Через сорок минут от низкого берега отошла гребная шлюпка, в которой сидели люди в до боли знакомых русских мундирах, и направилась к «Александру», на передней мачте которого был поднят адмиральский вымпел.
– Прекрасные дамы! – Егор строго посмотрел на Саньку и Гертруду. – Извольте, как мы и договаривались ранее, спуститься в кают-компанию! Не беспокойтесь, потом мы вам всё перескажем подробно, ничего не утаивая, – обернулся к Лаудрупу и подбадривающе подмигнул: – Давай, Людвиг, твой выход! А я буду изображать из себя молчаливого боцмана…
По штормтрапу на борт фрегата поднялись трое: совсем ещё молоденький таможенный офицер и двое пожилых сержантов с допотопными ружьями за плечами.
– Меня зовут – Евсей Рыжов.
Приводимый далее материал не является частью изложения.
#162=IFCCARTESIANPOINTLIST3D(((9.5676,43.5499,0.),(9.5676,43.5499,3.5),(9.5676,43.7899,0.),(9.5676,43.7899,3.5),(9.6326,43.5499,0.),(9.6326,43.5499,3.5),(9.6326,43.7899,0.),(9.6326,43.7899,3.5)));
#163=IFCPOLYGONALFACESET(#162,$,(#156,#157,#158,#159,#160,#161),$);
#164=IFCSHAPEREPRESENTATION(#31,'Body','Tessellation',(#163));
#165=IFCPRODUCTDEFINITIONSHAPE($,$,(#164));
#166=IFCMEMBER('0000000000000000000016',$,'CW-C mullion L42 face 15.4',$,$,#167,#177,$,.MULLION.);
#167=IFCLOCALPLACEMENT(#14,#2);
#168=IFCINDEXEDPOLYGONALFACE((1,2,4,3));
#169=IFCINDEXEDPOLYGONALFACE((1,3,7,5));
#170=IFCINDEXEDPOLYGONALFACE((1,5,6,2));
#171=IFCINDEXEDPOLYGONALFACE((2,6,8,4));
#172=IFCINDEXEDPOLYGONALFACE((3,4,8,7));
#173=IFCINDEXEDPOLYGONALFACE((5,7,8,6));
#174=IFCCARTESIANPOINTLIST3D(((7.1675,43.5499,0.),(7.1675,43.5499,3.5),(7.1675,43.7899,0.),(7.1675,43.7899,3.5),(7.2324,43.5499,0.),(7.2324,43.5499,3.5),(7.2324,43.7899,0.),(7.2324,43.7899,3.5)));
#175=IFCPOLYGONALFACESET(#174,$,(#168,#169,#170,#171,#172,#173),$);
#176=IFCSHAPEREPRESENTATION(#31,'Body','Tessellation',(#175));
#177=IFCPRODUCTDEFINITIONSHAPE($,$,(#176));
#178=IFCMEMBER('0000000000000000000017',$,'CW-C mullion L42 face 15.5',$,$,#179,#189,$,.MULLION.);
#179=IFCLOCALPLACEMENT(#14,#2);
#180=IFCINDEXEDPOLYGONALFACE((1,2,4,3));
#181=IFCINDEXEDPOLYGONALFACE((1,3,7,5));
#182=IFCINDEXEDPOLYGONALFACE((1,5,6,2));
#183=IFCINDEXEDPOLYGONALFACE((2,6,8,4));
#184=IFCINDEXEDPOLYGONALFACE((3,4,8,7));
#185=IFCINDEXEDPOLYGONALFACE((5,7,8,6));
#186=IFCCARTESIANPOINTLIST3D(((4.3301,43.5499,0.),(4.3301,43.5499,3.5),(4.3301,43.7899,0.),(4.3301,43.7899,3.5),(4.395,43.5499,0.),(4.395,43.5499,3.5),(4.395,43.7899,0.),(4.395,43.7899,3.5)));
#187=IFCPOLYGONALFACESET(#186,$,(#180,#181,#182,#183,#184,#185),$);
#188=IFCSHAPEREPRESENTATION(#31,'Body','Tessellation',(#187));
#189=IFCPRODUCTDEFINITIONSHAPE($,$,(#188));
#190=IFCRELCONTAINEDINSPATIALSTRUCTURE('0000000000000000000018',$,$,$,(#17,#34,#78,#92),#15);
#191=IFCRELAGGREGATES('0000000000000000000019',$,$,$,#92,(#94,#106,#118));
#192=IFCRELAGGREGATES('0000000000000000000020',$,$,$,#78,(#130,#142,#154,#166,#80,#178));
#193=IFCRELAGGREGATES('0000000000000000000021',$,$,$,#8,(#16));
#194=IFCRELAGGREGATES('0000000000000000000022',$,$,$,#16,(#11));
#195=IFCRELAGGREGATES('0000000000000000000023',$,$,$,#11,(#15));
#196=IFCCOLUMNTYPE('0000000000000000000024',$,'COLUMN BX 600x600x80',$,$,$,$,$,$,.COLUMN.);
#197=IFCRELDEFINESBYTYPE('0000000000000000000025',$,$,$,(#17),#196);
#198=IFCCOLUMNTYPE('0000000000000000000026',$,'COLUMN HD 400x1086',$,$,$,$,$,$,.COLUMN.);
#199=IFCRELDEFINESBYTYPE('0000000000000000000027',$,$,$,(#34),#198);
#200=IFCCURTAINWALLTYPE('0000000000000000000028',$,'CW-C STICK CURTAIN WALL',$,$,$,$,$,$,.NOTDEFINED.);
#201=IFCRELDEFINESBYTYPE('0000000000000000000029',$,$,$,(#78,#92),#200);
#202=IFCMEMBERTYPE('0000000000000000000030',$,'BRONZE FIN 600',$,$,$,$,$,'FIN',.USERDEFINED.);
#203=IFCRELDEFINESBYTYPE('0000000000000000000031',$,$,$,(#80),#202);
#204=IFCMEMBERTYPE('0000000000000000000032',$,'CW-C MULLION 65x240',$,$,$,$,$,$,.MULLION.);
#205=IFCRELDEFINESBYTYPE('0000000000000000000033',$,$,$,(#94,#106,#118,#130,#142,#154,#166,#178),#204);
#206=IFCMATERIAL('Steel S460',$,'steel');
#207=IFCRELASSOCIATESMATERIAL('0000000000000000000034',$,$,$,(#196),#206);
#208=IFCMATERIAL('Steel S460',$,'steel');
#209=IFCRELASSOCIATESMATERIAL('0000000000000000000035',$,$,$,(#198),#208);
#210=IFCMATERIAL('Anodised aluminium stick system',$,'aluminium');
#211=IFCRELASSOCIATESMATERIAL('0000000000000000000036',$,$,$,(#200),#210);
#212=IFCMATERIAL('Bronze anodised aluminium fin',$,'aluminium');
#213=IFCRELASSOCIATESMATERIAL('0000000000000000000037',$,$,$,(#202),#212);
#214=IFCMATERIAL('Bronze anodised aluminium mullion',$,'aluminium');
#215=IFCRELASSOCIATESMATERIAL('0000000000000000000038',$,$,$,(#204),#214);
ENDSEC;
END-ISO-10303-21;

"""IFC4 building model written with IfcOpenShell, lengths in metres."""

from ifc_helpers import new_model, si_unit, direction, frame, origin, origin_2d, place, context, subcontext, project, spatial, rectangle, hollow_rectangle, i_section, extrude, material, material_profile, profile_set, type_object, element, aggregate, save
Я есть – поручик, – на очень плохом английском языке сообщил офицерик, с уважением поглядывая на Лаудрупа, чей внешний облик его явно впечатлил.
«Ещё бы, не впечатлил!», – довольно усмехнулся внутренний голос, нечуждый лёгкому тщеславию. – «Глубокие и извилистые шрамы на лице, пустой рукав камзола, полуседые густые усы, кончики которых задорно и воинственно смотрят вверх, массивная золотая серьга в ухе… Классический такой морской волчара, герой модных романов о дальних походах и романтических странствиях…».
Людвиг небрежным жестом остановил поручика и, скупо улыбнувшись, вежливо предложил:
– Мой любезный господин Рыжов! Можете разговаривать со мной по-русски. Зачем же так коверкать язык великого Шекспира? Продолжайте, я вас внимательно слушаю…
– Э-э-э…, – замялся сбитый с толка офицер. – Не соблаговолите ли назвать ваше благородное имя? Какой вы национальности? Цель вашего прихода в порт Охотска?